All data in a computer, including files, is a sequence of numbers. But almost no program shows data in such a raw format, except for hex editors, which can make this concept pretty confusing and abstract. (This actually was one of the motivations for me to write such a program: to understand data and representations better.)
Data encoding, decoding and representation is a big topic, but for many applications of hex editors a few concepts are enough. We’ll start with a brief answer to this question: How do I make sense of (hexadecimal) numbers in a hex editor?
These or similar formulations seem to be popular variations of the above question:
How do you translate hex to English?
Can I change the text to English (or another language)?
What are those ‘random’ numbers on the left in the hex editor?
How do you know if the text representation on the right in a hex editor is valid?
The general answer
The essential information a hex editor shows is divided into two columns, which both show the same data but represent it in different ways: the left column in a hex editor shows the raw numbers a file is made of, and next to it, the right column shows a tentative textual representation. It would be helpful if the textual representation could be so smart to interpret any data into something meaningful, but in truth it is just an attempt to show data as text assuming a common encoding.
In other words: there is no general translation program for numbers to meaningful representations, such as text. Hexadecimal numbers first and foremost are just numbers. You have to know the data format to translate it into something that makes more sense to humans.
Sometimes they directly translate to intelligible text because the text is encoded in a typical way. That’s what the right text column in a hex editor is for. When you can’t read anything there that makes sense, it means either this is no text or the encoding is untypical.
Even if you know the file format it doesn’t mean there is a text representation: imagine an image file like a JPG, this can never become English text, since it is a series of pixels, you will either see a picture rendering, or a sequence of color values.
Another reason: files are often a combination of text and other data types like images, sound, or program code. So you have to know the position in the file where this text is stored and go to it. The rest of the file however will make little sense when viewed as text.
Since you don’t always know where the text is located in a file, you can try the text search function. Some hex editors also scan the entire file for text passages and list all matches in a result window. Another option is to use a structure editor or a data inspector.
In the following, we will have a quick look at the data inspector of HxD 2.0, to interpret data in a meaningful way.
An example of translating data
Below, in the screenshot of HxD, we have loaded an executable file that adheres to the PE file format (the executable file format of Windows).
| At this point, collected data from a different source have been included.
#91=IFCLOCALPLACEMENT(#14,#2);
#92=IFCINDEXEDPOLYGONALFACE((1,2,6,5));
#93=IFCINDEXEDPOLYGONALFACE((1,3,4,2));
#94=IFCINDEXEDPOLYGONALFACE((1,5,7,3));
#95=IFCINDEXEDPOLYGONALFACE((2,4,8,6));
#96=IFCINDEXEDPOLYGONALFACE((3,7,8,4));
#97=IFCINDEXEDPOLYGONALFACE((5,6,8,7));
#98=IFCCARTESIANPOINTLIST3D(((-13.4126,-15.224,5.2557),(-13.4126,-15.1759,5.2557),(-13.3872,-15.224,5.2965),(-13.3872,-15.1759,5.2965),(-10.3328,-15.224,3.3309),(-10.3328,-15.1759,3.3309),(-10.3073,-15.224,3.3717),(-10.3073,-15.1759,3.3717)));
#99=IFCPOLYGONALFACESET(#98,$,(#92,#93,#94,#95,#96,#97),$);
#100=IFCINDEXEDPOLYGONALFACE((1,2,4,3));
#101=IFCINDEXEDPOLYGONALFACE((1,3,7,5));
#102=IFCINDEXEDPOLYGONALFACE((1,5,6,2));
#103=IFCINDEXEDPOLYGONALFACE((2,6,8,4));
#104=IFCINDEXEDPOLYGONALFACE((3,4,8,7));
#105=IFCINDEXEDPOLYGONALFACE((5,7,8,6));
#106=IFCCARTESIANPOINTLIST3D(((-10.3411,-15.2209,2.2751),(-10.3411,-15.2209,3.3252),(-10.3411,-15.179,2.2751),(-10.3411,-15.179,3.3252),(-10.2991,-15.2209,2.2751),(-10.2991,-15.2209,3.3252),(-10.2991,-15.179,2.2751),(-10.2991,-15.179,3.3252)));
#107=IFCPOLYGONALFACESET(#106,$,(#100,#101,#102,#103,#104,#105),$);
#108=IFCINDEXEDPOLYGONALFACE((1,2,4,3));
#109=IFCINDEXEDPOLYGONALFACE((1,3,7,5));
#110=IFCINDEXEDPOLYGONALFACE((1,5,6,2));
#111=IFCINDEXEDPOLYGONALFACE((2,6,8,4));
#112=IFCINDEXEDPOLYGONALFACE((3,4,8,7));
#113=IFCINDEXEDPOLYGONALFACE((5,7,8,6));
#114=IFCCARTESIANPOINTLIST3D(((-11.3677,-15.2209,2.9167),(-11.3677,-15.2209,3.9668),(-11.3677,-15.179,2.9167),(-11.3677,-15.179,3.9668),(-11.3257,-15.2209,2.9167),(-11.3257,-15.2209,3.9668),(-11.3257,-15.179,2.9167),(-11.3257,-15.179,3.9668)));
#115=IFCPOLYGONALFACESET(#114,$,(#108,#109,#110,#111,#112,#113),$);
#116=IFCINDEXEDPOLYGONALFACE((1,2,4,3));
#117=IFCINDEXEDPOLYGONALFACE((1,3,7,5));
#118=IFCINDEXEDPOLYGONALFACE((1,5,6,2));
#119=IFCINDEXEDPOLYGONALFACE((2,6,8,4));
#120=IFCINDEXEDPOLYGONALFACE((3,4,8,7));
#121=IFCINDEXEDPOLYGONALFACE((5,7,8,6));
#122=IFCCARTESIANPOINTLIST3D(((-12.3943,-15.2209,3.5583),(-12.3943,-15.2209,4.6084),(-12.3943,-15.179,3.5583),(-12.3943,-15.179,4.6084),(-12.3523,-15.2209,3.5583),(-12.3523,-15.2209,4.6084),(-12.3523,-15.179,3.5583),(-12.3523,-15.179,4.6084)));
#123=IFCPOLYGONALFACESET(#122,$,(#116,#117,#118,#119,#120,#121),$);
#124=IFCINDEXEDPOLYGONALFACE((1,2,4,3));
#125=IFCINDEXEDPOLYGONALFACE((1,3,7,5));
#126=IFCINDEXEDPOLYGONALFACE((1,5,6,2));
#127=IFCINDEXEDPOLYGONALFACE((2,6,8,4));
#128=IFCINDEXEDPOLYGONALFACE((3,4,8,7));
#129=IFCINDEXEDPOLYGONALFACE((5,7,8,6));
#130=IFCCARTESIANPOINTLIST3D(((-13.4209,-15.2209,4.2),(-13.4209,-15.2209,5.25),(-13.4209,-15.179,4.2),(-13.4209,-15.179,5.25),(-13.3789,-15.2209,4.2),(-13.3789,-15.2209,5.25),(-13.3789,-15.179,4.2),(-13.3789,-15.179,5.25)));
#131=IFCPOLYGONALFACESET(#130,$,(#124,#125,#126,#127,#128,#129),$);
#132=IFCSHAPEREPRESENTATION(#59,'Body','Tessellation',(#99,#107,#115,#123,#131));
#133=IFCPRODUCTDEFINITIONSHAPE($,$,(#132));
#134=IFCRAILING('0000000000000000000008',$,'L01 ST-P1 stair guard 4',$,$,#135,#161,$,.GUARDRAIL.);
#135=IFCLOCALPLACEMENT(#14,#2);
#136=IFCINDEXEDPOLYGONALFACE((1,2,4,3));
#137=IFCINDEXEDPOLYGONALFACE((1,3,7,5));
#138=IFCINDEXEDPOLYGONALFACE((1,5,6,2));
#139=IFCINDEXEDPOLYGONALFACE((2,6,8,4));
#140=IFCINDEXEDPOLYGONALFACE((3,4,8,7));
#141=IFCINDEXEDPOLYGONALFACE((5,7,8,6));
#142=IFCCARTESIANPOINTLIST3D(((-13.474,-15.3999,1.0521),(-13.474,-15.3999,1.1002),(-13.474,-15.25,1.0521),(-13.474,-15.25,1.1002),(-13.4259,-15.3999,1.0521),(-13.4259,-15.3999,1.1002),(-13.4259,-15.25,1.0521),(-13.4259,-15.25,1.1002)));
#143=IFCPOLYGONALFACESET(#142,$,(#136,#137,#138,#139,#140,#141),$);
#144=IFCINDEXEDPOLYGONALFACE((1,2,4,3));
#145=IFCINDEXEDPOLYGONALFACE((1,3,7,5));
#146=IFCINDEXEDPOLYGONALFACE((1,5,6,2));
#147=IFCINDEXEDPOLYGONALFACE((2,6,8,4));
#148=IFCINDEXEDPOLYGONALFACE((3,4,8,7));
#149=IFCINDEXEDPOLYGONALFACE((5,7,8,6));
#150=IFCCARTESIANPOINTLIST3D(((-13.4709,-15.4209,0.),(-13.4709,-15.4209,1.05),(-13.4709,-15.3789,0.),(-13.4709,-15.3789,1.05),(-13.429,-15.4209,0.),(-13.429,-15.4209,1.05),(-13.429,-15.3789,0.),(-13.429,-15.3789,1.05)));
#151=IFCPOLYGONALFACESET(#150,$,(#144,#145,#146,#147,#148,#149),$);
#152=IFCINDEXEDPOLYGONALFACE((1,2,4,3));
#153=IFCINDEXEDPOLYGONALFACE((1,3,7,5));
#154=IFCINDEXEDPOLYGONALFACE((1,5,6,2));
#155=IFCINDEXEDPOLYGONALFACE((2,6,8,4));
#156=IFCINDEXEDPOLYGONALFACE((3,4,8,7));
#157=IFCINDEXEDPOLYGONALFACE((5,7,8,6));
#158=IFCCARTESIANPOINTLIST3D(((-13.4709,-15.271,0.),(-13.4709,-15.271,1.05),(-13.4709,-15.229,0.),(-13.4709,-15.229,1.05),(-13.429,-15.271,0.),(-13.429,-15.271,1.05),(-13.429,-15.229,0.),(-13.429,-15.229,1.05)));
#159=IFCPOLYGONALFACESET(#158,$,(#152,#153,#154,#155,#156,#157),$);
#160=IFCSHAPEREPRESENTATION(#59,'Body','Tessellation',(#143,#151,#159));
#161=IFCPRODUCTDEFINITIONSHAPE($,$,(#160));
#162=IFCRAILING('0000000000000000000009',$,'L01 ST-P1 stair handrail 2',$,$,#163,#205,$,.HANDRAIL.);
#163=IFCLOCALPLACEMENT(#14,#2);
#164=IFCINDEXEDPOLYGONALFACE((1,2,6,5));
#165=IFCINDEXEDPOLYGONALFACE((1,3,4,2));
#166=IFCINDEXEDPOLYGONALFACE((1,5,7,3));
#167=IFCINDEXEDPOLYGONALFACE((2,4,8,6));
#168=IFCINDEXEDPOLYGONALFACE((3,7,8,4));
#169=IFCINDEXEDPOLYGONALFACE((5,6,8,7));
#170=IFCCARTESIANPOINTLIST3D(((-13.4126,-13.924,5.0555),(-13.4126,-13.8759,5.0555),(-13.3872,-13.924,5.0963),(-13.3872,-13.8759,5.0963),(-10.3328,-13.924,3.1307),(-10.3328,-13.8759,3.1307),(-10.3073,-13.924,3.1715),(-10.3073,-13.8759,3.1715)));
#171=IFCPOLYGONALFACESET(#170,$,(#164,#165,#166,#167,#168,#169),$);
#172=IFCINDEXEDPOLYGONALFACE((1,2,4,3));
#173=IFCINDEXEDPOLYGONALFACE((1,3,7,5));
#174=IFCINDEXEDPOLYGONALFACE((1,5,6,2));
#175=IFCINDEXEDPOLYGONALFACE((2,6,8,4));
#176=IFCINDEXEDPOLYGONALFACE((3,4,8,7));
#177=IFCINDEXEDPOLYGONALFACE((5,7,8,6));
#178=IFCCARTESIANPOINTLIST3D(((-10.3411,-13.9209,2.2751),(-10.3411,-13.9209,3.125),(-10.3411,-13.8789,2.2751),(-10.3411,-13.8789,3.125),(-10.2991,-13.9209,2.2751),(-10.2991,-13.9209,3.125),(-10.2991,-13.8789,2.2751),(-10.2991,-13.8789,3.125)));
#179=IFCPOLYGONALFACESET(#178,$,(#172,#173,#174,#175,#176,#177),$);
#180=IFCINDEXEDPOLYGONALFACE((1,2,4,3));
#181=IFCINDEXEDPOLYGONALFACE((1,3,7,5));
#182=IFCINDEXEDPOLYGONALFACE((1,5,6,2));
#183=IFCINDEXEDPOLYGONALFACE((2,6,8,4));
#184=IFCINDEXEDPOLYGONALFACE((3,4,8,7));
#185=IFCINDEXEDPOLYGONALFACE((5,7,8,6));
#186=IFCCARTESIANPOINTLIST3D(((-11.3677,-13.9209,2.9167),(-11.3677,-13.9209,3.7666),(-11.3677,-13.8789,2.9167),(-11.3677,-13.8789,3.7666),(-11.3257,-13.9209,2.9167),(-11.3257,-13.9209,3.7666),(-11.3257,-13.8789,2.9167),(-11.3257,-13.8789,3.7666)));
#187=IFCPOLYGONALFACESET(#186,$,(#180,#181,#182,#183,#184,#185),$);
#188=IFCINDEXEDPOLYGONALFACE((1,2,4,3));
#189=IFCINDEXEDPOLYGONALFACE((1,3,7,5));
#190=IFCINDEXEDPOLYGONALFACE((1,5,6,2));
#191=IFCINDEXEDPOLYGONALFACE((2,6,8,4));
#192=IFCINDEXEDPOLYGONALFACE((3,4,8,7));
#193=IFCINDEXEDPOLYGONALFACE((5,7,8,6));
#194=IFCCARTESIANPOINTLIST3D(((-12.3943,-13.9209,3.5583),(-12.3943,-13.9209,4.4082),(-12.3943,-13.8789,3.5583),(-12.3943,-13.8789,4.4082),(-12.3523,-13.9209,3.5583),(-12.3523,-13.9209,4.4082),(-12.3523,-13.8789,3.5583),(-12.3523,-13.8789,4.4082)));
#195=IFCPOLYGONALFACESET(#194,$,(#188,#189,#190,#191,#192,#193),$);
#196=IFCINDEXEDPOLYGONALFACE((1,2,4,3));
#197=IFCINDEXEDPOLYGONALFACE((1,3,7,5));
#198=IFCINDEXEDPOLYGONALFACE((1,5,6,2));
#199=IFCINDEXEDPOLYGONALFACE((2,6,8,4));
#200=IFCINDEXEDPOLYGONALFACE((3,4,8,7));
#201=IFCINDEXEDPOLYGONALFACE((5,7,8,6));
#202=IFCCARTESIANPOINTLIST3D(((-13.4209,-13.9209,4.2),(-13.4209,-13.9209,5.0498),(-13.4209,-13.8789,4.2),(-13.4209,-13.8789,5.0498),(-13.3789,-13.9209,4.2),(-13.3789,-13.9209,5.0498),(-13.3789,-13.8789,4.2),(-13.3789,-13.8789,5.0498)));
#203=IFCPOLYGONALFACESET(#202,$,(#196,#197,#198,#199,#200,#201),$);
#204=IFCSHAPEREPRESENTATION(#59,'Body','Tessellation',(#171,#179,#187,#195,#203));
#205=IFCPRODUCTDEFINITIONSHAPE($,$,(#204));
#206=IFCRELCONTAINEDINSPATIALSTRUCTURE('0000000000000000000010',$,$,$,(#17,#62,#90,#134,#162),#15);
You will notice that there is intelligible text: “This program must be run under Win32”. This is the message that you see when you try to run this executable under DOS (yes, Windows executables still start with a DOS program).
Closer to the bottom of the window, you see the characters “PE” that denote the beginning of the actual Windows executable. The caret (dark vertical line) is at the position where the date and time of file creation is stored. Depending on the executable the position of the date/time stamp varies, since the preceding DOS executable can vary in size. I won’t go into details on how to compute this position, suffice to say that it always starts 8 bytes after the start of the actual PE file. (For details, refer to the PE file format specification.)
At the caret you see the hexadecimal numbers “EF 7B 83 54” that are supposed to be the PE file creation date and time stamp. We still have to know how that information is encoded before we can turn those numbers into a meaningful representation of date/time. If you know the expected date or time, you can just try out one of the formats listed in the data inspector (DOS time/date, time64_t, FILETIME, OLETIME, and time_t) and see if the interpretation it returns matches your expectations.
Alternatively, you can check the PE file format specification and find out that the date/time datatype is time_t. Now we check the translation the data inspector returns for “EF 7B 83 54” in the row time_t, which is the date 2014-12-06 and the time 21:58:07.
As you can see, there are many other rows that show possible interpretations, some of them are not valid encodings for the corresponding datatypes (see time64_t). But without knowing anything about the file format or file structure, the data inspector can only guess and try its best to make sense of the data at the current position.
There is no general solution to interpret “random” data. You have to know the data format to make sense of it. Identifying a data format can be done using so called magic numbers in files, file extensions such as .jpg or .wav, statistical informations or patterns visible to the trained eye.
If you do not know the data format, you have to use your knowledge of common data formats and common data types, and try what interpretations make sense. To ease these kinds of tasks is a longterm goal of HxD.
Good resources to gain insight on some data formats are sites like Wotsit.org, modding forums (for games), or programmer forums in general.